# Ultra low sulfur diesel



## enielsen (Dec 27, 2004)

I recently purchased a 2007 diesel ( I have had a diesel for 15 + years)and have had trouble finding ultra low sulfur diesel (15 ppm)in some locations. In some smaller towns they do not even sell it. How can the government prohibit the use of low sulfur diesel (500 ppm) in 2007 and newer vehicles but not phrohibit stations from selling low sulfur diesel and it is almost 2008? I have had no choice several times than to use the low sulfur. Will it damage my engine as the warning on the pump states, or is this just propaganda from the tree huggers/gov. to get people to use the ultra low sulfur stuff? Does off road diesel have even a higher sulfur content then low sulfur? If so what do the farmers and construction folks use in their 2007 or newer vehicles? What do you diesel guys out there do when you can't find ultra low sulfur?


----------



## MLCinNCTX (May 30, 2007)

I guess I am surprised they don't have it. My fuel distributor sent me a label to put on Off-road fuel tank at the ranch about a year ago. The labels have been on the pumps here in North Texas for about 18 months. You sure they just don't have the labels on the pumps and are really supplying low sulfar?


----------



## TKoenig (Apr 8, 2007)

they prolly just dont have the labels up yet but i think in mid aug they were supposed to switch over. I also had a dealer tell me that its ok to run regular low sulfer diesel in the engines, it will just make the emmisions burnout cyle more often. since they dont have ultra low anywhere in canada yet.

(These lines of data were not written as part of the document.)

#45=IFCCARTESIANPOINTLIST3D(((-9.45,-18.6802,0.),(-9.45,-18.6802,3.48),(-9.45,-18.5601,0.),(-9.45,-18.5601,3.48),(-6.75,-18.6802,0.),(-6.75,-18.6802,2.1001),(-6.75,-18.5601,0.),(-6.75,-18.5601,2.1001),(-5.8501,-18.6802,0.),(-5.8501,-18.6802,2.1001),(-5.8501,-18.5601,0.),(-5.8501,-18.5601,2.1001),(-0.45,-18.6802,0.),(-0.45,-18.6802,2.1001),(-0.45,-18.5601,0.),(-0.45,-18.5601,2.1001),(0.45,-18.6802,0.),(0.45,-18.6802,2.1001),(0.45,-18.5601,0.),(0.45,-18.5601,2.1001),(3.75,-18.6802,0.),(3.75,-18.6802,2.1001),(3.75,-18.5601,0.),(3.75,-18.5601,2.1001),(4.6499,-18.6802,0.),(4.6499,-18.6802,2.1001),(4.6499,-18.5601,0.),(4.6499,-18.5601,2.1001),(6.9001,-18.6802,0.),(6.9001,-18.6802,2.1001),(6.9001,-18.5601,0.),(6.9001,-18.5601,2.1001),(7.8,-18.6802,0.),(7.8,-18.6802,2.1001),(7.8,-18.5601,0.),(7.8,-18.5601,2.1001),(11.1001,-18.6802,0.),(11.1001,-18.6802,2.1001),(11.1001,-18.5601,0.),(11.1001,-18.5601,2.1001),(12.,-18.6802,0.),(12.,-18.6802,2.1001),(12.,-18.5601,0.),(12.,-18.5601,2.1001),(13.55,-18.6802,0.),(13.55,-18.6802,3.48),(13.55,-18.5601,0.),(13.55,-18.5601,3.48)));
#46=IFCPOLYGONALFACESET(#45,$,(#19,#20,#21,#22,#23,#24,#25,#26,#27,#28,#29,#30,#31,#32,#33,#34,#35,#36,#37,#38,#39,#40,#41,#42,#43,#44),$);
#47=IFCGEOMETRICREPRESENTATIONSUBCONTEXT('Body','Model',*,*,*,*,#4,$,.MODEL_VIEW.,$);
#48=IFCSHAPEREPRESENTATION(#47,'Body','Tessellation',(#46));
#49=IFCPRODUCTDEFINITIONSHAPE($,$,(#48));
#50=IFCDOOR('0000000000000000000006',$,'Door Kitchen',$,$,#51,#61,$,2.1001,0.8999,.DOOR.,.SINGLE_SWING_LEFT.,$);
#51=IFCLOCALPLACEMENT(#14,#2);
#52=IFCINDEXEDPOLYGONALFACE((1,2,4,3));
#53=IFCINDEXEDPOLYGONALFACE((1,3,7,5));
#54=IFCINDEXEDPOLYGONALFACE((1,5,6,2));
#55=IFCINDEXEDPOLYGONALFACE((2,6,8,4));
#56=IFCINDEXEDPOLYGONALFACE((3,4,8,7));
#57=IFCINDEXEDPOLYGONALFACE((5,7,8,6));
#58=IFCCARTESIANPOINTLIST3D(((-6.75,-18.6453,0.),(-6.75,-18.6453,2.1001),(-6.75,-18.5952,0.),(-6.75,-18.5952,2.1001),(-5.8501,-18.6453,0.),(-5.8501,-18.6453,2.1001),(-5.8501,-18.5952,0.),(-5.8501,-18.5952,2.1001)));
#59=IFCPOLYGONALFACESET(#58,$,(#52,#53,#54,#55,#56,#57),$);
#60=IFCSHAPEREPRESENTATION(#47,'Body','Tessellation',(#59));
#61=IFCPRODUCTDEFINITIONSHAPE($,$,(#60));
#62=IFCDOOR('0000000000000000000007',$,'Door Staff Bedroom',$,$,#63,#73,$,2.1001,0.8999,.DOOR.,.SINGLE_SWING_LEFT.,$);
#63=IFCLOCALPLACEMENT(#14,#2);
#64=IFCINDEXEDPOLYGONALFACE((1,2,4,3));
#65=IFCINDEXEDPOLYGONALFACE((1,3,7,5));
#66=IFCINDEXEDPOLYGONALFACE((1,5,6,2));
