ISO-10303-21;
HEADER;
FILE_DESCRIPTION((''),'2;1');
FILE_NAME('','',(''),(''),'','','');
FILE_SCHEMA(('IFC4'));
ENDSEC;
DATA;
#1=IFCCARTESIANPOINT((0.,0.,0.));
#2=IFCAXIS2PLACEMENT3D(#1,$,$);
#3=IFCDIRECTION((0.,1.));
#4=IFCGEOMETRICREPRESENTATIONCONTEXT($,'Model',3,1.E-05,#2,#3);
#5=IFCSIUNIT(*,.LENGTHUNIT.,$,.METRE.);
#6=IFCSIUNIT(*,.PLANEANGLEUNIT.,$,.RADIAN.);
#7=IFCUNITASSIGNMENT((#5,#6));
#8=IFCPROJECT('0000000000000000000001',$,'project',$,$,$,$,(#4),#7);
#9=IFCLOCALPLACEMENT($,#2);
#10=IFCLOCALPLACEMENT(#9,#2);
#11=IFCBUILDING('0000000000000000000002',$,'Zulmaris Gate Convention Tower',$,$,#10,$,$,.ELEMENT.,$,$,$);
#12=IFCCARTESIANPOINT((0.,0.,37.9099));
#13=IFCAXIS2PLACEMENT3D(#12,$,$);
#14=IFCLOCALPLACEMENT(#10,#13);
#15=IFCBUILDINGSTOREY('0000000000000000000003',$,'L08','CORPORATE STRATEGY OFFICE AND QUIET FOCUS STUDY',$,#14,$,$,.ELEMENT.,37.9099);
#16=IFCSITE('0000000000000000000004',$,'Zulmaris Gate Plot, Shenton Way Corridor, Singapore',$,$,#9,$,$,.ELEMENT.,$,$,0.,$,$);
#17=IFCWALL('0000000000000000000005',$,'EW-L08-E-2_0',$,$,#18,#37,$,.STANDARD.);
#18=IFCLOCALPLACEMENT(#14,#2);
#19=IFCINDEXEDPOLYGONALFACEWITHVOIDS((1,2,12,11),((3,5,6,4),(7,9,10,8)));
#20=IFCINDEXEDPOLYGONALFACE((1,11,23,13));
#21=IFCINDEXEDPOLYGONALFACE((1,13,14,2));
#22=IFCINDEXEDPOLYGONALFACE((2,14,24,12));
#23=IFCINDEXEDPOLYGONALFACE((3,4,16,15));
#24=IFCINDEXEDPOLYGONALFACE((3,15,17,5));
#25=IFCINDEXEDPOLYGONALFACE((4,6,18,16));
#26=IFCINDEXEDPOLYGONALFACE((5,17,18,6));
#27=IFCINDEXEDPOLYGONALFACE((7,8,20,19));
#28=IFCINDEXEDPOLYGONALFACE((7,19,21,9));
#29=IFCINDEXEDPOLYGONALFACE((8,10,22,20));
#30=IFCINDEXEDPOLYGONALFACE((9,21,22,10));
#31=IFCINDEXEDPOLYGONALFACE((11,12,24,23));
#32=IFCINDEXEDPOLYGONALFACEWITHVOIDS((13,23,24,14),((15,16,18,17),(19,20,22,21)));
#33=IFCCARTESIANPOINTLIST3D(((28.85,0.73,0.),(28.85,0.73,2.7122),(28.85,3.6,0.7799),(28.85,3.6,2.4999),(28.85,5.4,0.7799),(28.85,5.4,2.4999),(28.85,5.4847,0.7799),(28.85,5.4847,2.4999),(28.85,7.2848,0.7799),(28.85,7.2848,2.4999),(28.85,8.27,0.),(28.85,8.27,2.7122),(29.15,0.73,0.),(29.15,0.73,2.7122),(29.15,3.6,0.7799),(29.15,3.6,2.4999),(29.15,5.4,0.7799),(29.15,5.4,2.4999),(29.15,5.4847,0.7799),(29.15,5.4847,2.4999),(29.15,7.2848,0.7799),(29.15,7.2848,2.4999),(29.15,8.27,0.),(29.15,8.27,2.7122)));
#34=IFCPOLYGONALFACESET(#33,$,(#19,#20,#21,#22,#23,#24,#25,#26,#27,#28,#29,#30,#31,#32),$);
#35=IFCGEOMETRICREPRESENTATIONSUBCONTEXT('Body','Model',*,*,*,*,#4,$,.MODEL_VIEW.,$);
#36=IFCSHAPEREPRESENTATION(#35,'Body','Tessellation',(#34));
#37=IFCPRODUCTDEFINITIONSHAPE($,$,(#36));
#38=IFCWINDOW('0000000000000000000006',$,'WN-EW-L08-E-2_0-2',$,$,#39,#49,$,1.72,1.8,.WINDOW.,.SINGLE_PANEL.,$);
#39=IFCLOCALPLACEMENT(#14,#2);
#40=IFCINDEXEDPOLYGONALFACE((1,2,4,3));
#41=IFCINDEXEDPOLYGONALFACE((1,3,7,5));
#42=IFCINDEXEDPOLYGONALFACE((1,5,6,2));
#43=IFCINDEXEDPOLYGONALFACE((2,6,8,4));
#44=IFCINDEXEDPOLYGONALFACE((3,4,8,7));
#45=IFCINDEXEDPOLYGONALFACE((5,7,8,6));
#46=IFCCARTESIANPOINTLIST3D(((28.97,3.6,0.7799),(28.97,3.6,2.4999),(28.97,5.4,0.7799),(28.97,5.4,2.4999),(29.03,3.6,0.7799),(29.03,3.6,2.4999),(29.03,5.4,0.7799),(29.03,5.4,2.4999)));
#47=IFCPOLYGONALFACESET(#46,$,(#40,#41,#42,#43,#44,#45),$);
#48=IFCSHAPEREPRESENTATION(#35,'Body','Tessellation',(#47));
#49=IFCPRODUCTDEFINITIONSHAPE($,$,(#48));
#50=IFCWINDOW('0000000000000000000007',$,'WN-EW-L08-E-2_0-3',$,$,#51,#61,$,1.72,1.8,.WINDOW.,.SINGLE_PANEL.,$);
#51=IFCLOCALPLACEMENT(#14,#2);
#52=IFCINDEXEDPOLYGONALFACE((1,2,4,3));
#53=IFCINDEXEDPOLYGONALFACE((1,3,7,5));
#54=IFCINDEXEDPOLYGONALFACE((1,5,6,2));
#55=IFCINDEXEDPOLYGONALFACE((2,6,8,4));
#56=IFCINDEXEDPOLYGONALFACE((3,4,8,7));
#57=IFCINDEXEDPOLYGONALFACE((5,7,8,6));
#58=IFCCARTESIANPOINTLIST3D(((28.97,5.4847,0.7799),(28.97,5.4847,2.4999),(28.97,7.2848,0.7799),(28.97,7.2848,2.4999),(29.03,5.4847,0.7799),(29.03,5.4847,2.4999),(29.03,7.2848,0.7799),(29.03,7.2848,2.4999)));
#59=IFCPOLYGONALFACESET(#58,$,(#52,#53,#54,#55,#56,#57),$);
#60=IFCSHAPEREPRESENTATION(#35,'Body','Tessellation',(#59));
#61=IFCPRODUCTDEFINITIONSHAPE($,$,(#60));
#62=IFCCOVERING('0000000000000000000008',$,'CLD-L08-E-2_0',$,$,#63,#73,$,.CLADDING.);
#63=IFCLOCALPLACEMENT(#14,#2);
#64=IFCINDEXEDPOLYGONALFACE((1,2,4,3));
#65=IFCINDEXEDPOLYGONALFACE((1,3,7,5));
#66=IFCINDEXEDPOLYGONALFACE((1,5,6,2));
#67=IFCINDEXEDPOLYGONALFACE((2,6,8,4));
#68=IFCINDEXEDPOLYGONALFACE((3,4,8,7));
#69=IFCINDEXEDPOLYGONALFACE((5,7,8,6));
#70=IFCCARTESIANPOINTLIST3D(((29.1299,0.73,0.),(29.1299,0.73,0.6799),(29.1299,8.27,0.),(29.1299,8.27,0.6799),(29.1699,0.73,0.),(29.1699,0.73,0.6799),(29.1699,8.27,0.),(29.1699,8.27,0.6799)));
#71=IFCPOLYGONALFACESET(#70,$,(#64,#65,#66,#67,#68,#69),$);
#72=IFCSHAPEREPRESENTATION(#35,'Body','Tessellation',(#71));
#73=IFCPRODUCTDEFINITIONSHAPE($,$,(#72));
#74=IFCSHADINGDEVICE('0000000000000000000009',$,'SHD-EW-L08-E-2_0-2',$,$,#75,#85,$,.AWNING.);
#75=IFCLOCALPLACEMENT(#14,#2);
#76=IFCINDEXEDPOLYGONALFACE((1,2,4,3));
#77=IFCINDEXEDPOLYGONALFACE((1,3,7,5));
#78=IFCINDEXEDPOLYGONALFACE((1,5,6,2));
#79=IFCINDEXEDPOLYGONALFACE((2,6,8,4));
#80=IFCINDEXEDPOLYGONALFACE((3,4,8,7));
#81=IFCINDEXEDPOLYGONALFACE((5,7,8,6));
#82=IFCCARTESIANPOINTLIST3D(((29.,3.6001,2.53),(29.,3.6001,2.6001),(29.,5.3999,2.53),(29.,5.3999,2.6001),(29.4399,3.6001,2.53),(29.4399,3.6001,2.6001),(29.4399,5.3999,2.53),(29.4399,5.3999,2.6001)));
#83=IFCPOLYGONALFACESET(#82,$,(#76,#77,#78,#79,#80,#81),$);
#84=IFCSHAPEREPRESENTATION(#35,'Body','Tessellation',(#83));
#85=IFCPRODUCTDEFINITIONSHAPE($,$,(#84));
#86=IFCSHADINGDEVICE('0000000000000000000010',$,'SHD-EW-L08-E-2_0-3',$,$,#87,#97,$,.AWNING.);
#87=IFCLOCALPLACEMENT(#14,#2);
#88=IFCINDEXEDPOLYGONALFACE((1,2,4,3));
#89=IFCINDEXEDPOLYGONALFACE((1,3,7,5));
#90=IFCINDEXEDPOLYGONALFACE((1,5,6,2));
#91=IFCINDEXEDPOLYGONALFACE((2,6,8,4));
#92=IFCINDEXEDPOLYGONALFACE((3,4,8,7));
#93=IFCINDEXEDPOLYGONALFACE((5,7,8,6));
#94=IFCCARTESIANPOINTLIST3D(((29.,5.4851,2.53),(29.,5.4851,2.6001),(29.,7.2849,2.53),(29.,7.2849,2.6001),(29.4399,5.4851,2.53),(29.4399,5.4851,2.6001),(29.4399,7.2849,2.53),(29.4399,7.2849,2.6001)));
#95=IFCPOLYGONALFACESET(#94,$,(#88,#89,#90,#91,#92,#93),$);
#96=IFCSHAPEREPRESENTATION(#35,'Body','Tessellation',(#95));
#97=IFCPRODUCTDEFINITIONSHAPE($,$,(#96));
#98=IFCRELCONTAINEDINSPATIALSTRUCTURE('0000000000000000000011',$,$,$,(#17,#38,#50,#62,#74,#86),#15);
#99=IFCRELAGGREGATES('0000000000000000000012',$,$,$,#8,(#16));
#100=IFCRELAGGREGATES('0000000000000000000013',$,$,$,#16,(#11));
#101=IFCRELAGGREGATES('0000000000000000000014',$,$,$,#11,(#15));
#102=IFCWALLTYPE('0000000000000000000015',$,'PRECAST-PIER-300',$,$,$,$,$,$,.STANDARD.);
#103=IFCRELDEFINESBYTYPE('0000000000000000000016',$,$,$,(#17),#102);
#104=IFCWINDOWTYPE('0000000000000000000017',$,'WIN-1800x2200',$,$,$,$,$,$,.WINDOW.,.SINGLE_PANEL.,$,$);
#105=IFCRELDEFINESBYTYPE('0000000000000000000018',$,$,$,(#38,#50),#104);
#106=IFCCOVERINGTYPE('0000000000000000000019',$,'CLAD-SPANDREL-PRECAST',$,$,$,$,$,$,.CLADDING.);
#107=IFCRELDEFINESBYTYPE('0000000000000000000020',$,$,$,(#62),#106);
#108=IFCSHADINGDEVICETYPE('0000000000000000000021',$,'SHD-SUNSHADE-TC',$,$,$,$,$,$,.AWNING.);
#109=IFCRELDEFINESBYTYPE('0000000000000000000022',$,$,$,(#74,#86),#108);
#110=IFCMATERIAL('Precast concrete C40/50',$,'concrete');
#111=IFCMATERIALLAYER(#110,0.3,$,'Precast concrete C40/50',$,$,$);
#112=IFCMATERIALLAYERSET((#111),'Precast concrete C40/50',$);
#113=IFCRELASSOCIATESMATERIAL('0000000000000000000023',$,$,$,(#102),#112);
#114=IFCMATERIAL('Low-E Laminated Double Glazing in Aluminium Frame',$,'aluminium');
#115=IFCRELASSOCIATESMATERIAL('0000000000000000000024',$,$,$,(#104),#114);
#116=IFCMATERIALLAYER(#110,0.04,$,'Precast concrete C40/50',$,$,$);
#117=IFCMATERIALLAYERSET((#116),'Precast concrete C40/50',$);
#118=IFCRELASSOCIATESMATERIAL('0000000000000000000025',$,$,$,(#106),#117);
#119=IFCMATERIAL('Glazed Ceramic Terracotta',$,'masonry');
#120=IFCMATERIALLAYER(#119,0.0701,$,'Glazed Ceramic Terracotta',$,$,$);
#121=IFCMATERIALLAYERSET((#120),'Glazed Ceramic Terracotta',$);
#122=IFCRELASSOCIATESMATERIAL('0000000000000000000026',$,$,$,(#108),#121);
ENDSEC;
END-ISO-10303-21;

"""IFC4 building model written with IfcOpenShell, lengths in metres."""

from ifc_helpers import new_model, si_unit, direction, frame, frame_2d, origin, place, context, subcontext, project, spatial, rectangle, extrude, material, layer, layer_set, type_object, element, fill, save


model = new_model("IFC4")

# Units and contexts
model_context = context("Model", 3, precision=1e-05, world=origin(), true_north=direction((0.0, 1.0)))
body_context = subcontext(model_context, "Body", "Model", "MODEL_VIEW")
ifc_project = project(units=[si_unit("LENGTHUNIT", "METRE"), si_unit("PLANEANGLEUNIT", "RADIAN")], contexts=[model_context])

# Site, building, storey
site_placement = place(None, origin())
site = spatial("IfcSite", under=ifc_project, at=site_placement, Name="Zulmaris Gate Plot, Shenton Way Corridor, Singapore", CompositionType="ELEMENT", RefElevation=0.0)
building_placement = place(site_placement, origin())
building = spatial("IfcBuilding", under=site, at=building_placement, Name="Zulmaris Gate Convention Tower", CompositionType="ELEMENT")
storey_placement = place(building_placement, frame((0.0, 0.0, 37.9099)))
storey = spatial("IfcBuildingStorey", under=building, at=storey_placement, Name="L08", Description="CORPORATE STRATEGY OFFICE AND QUIET FOCUS STUDY", CompositionType="ELEMENT", Elevation=37.9099)

# Wall, openings, windows
ifc_material_1 = material(Name="Precast concrete C40/50", Category="concrete")
ifc_layer_1 = layer(ifc_material_1, 0.3, Name="Precast concrete C40/50")
ifc_layer_set_1 = layer_set([ifc_layer_1], Name="Precast concrete C40/50")
wall_type_1 = type_object("IfcWallType", Name="PRECAST-PIER-300", PredefinedType="STANDARD", material=ifc_layer_set_1)
wall_1_placement = place(storey_placement, frame((29.0, 0.73, 0.0), z_axis=(0.0, 0.0, 1.0), x_axis=(0.0, 1.0, 0.0)))
wall_1 = element("IfcWall", 1, at=wall_1_placement, inside=storey, type_object=wall_type_1, Name="EW-L08-E-2_0", PredefinedType="STANDARD", context=body_context, shape_type="SweptSolid", body=[
    extrude(rectangle(XDim=7.54, YDim=0.3, at=frame_2d((3.77, 0.0))), origin(), (0.0, 0.0, 1.0), 2.7122),
])
opening_1_placement = place(wall_1_placement, frame((2.8701, 0.0, 0.78)))
opening_1 = element("IfcOpeningElement", 2, at=opening_1_placement, cuts=wall_1, PredefinedType="OPENING", context=body_context, shape_type="SweptSolid", body=[
    extrude(rectangle(XDim=1.8, YDim=1.72, at=frame_2d((0.8999, 0.8599))), frame((0.0, 0.1602, 0.0), z_axis=(0.0, -1.0, 0.0), x_axis=(1.0, 0.0, 0.0)), (0.0, 0.0, 1.0), 0.3201),
])
opening_2_placement = place(wall_1_placement, frame((4.7549, 0.0, 0.78)))
opening_2 = element("IfcOpeningElement", 3, at=opening_2_placement, cuts=wall_1, PredefinedType="OPENING", context=body_context, shape_type="SweptSolid", body=[
    extrude(rectangle(XDim=1.8, YDim=1.72, at=frame_2d((0.8999, 0.8599))), frame((0.0, 0.1602, 0.0), z_axis=(0.0, -1.0, 0.0), x_axis=(1.0, 0.0, 0.0)), (0.0, 0.0, 1.0), 0.3201),
])
ifc_material_2 = material(Name="Low-E Laminated Double Glazing in Aluminium Frame", Category="aluminium")
window_type = type_object("IfcWindowType", Name="WIN-1800x2200", PartitioningType="SINGLE_PANEL", PredefinedType="WINDOW", material=ifc_material_2)
window_1_placement = place(opening_1_placement, origin())
window_1 = element("IfcWindow", 4, at=window_1_placement, inside=storey, type_object=window_type, Name="WN-EW-L08-E-2_0-2", OverallHeight=1.72, OverallWidth=1.8, PartitioningType="SINGLE_PANEL", PredefinedType="WINDOW", context=body_context, shape_type="SweptSolid", body=[
    extrude(rectangle(XDim=1.8, YDim=1.72, at=frame_2d((0.8999, 0.8599))), frame((0.0, 0.03, 0.0), z_axis=(0.0, -1.0, 0.0), x_axis=(1.0, 0.0, 0.0)), (0.0, 0.0, 1.0), 0.0601),
])
fill(opening_1, window_1)
window_2_placement = place(opening_2_placement, origin())
window_2 = element("IfcWindow", 5, at=window_2_placement, inside=storey, type_object=window_type, Name="WN-EW-L08-E-2_0-3", OverallHeight=1.72, OverallWidth=1.8, PartitioningType="SINGLE_PANEL", PredefinedType="WINDOW", context=body_context, shape_type="SweptSolid", body=[
    extrude(rectangle(XDim=1.8, YDim=1.72, at=frame_2d((0.8999, 0.8599))), frame((0.0, 0.03, 0.0), z_axis=(0.0, -1.0, 0.0), x_axis=(1.0, 0.0, 0.0)), (0.0, 0.0, 1.0), 0.0601),
])
fill(opening_2, window_2)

ps.. offroad diesel aka Red Dot... is a high sulfur diesel.


----------



## tail-chaser (May 5, 2007)

YES, it will damage your engine. Using it in small amounts mixed with the ultra low will not really hurt, but running it constantly will do some damage. I work at a ford dealership and just had a guy have to put a diesel engine in his truck because he didn't WANT to run the new ultra low sulfer deisel in his truck. (it cost around 8k and warranty didn't cover it) My dad has the new diesel and he also has had to run the old stuff in his so he didn't get stranded. Just be carefull and don't over do it. FYI all gas stations have to have it by 2010, however since texas has so many diesel trucks you will find that most places will probly have it by the end of this year.


----------



## drred4 (Aug 12, 2005)

I have not run into a place that has not had it for a while. Wish I could find it. Personally this ULSD is terrible. It definitely affects performance to me.


----------



## draker3 (Jun 30, 2004)

FYI..they dont sell any in port o conner..I had to run to Port Lavaca to buy some..


----------



## enielsen (Dec 27, 2004)

They do not have it in Kingsville (which has three new car dealerships), Riviera, Raymondville, Port Mansfield, Odem, Sinton (off the hwy) as well as several stations on the way to Houston on 77 and 59 including every truckstop (Loves, TA) and several new Valero gas stations the shell in Woodsboro does have it.


----------



## Levi (Mar 6, 2006)

drred4 said:


> I have not run into a place that has not had it for a while. Wish I could find it. Personally this ULSD is terrible. It definitely affects performance to me.


Get some Lucas!!!!! I think I spelled it right??...lol It will give you back the performance.


----------



## CORNHUSKER (Jul 12, 2004)

*In Friendswood*

The new remodeled Valero on the corner of 2351 and Blackhawk just opened a few days ago and has the Ultra low Diesel on every pump.

Just FYI

Brad


----------



## Hop (May 21, 2004)

On 77 south Roadrunner in robstown has it. There is also a place in roma that has it down town. And another valero in harlingen off 9th and 77. Also a couple of places in brownsville.
Just made a trip down there last month.
--Hop


----------



## drred4 (Aug 12, 2005)

Levi said:


> Get some Lucas!!!!! I think I spelled it right??...lol It will give you back the performance.


I use Stanadyne performance additive


----------



## Mako232 (Sep 16, 2005)

I was filling up my diesel the other day and watched a guy add some 2 stroke oil into his truck, an older model like mine. He said it would protect the older model diesels since the new ultra low sulphur type doesn't lubricate as well. Is this bad for the injectors? Anyone else doing this?


----------



## Argo (May 21, 2004)

alot of people will also add 1qt of oil per 34 gallon tank, old oil from the last oil change even.


----------



## bwguardian (Aug 30, 2005)

Just add in a couple gallons...or better yet...fill the tank with some biodiesel.


----------



## Blue Water Ho (May 21, 2004)

Nope it helps with injector lube. Dang J Ive never seen anyone use old oil though, dont think I could bring myself to drain then fill though. Power service is good with me, though you know that.


----------



## boashna (May 28, 2004)

old oil had dirt in it and will cloge you up ..


----------